# How much TPN to use with EI



## Tom (29 Jul 2011)

How much TPN should one use as a trace alongside EI Macros? I'm currently using 2ml/25l but I'm worried it might not be enough

Tom


----------



## clonitza (29 Jul 2011)

I've dropped the TNP+ dosing from 1.5ml/day to 1ml/day in the 70l tank + Dennerle A1 Daily (trace) 0.2ml/day. 
I usually added 1.5ml daily + 5ml after the water change but it was too much (nitrates were > 60ppm)

Mike


----------



## ceg4048 (29 Jul 2011)

Hi Tom,
            Only the plants can answer that question accurately. Since it's just traces you can go with the bottle recommendation, especially if using tap water. If you're using RO then you might want to add a little more, say double. 

When analyzing the effectiveness of trace dosing, just use Fe as the proxy indicator. If there are no Fe deficiencies such as yellowing of new leaves then your trace dosing is sufficient. TPN also has Mg in it as well so you wouldn't need to add as much Epsom Salt. This is the complete opposite story as compared to NPK dosing of course...  

Cheers,


----------



## Tom (29 Jul 2011)

Thanks Mike and Clive. I'm using around 4 times the recommended weekly dose (but split to alternate days), so I think I'll ease off a bit. Maybe halve it and look for any problems. I didn't add any Epsom Salts to my EI mix this time, as my water is very hard anyway. All the new leaves look fine too, it's just the original Crypt ones that are going holey/yellow/melting.

Cheers,
Tom


----------



## ceg4048 (29 Jul 2011)

Yeah, I'd just cut those off and call it good. They'll never get better, just will sit there and rot. Only the new submerged leaves matter. The darker colors of crypts prevents them from being a really good indicator. Green stems will tell you right away. 
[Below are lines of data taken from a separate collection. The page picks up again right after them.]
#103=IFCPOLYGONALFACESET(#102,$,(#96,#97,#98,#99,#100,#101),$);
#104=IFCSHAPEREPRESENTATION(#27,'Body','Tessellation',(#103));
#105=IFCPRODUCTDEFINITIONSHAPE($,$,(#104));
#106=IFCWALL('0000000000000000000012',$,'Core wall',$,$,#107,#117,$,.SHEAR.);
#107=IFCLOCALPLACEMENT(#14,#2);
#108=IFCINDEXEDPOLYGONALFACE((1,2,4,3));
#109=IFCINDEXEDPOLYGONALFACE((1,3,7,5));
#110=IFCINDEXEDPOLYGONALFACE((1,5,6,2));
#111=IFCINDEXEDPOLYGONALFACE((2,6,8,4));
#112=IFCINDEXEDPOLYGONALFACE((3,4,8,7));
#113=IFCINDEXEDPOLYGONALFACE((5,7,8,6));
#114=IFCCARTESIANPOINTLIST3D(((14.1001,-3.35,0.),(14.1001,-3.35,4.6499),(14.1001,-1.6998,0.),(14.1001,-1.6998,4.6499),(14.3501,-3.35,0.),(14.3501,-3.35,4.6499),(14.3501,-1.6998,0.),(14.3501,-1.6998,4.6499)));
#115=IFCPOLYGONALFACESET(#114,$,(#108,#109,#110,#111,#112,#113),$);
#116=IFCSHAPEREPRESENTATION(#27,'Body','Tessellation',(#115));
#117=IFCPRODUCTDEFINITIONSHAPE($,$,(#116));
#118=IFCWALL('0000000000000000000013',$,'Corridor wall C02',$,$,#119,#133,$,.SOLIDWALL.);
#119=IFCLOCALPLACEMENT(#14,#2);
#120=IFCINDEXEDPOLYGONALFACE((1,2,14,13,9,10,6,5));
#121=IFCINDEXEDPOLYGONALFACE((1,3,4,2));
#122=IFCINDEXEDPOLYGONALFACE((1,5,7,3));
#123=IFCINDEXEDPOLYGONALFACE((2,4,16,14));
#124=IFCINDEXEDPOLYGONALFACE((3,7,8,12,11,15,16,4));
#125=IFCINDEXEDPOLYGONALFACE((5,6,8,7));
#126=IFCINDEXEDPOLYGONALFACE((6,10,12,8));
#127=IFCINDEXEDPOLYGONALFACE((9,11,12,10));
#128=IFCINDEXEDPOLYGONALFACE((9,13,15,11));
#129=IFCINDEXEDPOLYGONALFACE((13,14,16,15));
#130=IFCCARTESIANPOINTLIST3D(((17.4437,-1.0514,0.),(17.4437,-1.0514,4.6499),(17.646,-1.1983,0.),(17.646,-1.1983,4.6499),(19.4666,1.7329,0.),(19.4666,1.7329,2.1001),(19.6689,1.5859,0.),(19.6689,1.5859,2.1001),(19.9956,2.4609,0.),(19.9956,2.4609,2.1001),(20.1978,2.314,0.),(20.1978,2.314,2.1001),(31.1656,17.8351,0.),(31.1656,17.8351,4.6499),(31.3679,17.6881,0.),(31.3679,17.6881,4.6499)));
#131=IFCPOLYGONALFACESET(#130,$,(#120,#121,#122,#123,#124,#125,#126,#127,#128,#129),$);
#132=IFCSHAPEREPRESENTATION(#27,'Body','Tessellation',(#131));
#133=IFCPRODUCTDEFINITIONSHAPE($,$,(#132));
Just as a cautionary note, having hard water is not always an accurate indicator of Mg content. That could be all Calcium (or all Mg for that matter).
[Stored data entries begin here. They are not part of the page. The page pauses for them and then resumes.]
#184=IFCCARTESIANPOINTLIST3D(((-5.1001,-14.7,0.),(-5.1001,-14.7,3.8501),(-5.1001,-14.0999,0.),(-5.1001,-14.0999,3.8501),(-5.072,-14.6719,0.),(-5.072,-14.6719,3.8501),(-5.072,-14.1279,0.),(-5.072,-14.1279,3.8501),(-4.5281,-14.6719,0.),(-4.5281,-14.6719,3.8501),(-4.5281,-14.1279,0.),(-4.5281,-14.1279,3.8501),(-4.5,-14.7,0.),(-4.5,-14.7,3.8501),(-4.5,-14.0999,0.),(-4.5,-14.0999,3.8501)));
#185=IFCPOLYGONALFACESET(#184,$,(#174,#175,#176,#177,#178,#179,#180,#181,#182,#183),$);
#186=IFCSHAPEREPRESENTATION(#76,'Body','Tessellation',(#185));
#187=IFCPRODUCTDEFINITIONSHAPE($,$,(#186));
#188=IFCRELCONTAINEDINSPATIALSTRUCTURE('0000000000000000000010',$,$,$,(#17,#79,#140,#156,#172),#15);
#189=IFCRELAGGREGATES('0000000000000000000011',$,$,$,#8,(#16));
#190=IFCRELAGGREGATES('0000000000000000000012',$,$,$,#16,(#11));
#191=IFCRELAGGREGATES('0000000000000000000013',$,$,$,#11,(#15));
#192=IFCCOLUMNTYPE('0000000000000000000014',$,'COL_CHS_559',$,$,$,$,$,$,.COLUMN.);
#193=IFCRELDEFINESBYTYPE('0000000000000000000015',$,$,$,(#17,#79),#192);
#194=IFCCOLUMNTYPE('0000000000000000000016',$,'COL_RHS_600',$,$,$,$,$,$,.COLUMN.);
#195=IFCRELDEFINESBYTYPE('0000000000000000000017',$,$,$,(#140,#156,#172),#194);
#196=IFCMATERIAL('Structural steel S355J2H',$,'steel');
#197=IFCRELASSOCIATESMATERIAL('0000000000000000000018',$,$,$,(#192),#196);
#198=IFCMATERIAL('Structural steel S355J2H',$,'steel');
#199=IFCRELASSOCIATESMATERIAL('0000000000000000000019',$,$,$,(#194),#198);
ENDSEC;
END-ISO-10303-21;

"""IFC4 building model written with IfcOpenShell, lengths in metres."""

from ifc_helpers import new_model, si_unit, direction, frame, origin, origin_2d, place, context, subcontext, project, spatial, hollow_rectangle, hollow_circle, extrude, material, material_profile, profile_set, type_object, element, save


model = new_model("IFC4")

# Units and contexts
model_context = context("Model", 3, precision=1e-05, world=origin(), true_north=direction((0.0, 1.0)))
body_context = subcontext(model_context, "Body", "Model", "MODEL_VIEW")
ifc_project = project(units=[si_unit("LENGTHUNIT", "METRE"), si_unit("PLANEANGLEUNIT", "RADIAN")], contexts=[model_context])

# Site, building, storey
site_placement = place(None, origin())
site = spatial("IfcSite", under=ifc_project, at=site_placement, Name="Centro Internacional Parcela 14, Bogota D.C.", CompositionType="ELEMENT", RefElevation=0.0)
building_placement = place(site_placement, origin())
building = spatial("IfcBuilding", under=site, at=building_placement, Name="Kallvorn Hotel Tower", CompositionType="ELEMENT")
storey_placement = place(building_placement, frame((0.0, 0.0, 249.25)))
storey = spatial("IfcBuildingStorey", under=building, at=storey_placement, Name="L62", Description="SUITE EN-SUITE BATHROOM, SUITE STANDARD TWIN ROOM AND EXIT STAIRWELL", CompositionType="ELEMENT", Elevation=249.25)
Trace mix in general, and TPN in particular, is very expensive, so it's definitely worth minimizing it's consumption. That's why I prefer the El Cheapo mixes...leaves more budget for that French Chardonnay I've had my eye on at Tescos... 

Cheers,


----------



## dw1305 (29 Jul 2011)

Hi all,


> I didn't add any Epsom Salts to my EI mix this time, as my water is very hard anyway.


 As Clive says it is quite likely that all the dGH in your water is calcium, it is only really the serpentine derived soils in S. Cornwall and the Nottinghamshire/Yorkshire/Durham "Sugar limestones" (Permian dolomites) that contain much magnesium at all in the (relative) S of the UK. If your water comes from a chalk aquifer it will have very low Mg levels.

cheers Darrel


----------



## Tom (29 Jul 2011)

Clonitza said in my journal about trimming the old leaves once the new ones start growing. Just how much hacking would you advise? Just leave the new couple of leaves and massive root system, or would the lack of plants increase my algae chances if it appears? (am still awaiting the diatoms). Should I leave the old leaves until they start to look rough?

I'll keep an eye on the Mg then!


----------



## ceg4048 (30 Jul 2011)

The old terrestrial leaves should be removed.

Cheers,


----------



## keymaker (30 Jul 2011)

Actually, I made a calculation with the known ingredients of TPN a couple of years ago and compared them to the EI trace levels recommended by Tom Barr. This is the result:

*To reach EI levels in a planted tank with weekly 50% water changes you need to dose 50 ml / 50 l / day.*

As Tropica recommends a minimum of 25% water change every second week and dosing 5 ml of TPN / 50 liters / week it is clear that in order to reach EI levels one needs to overdose a minimum of five-seven times the factory values... But as Clive rightly said your plants have the final word, the rest is science.


----------



## yme (22 Aug 2011)

hi!

my first post at this forum (without introduction: how rude!)
(normally I just post at barrreport.com)

anyway: I read sometimes this forum and I noticed this thread and especially the post by keymaker.



> To reach EI levels in a planted tank with weekly 50% water changes you need to dose 50 ml / 50 l / day.



50 ml/50 l/day seems a factor 10 too high, considering the sentence following this one... but even 5 ml/50 l/day doesnt seem to fit the EI recommendations:


20-40 gallon=75-150 liter (let's average that to 100 liters)

recommendation: 3x 5ml/week =15 ml/week= 2.14 ml/day.
=2.14 ml/day/100 liter
=1.07 ml/day/50 liter

1 ml/day versus 5 ml/day. 

seems like a factor 5 difference....

So I was wondering 2 things:
-what are the desired trace concentrations recommended by Rom Barr?  (never read that Tom Barr wrote somewhere the recommended levels)
-How did you calculate everything?

greets,

yme


----------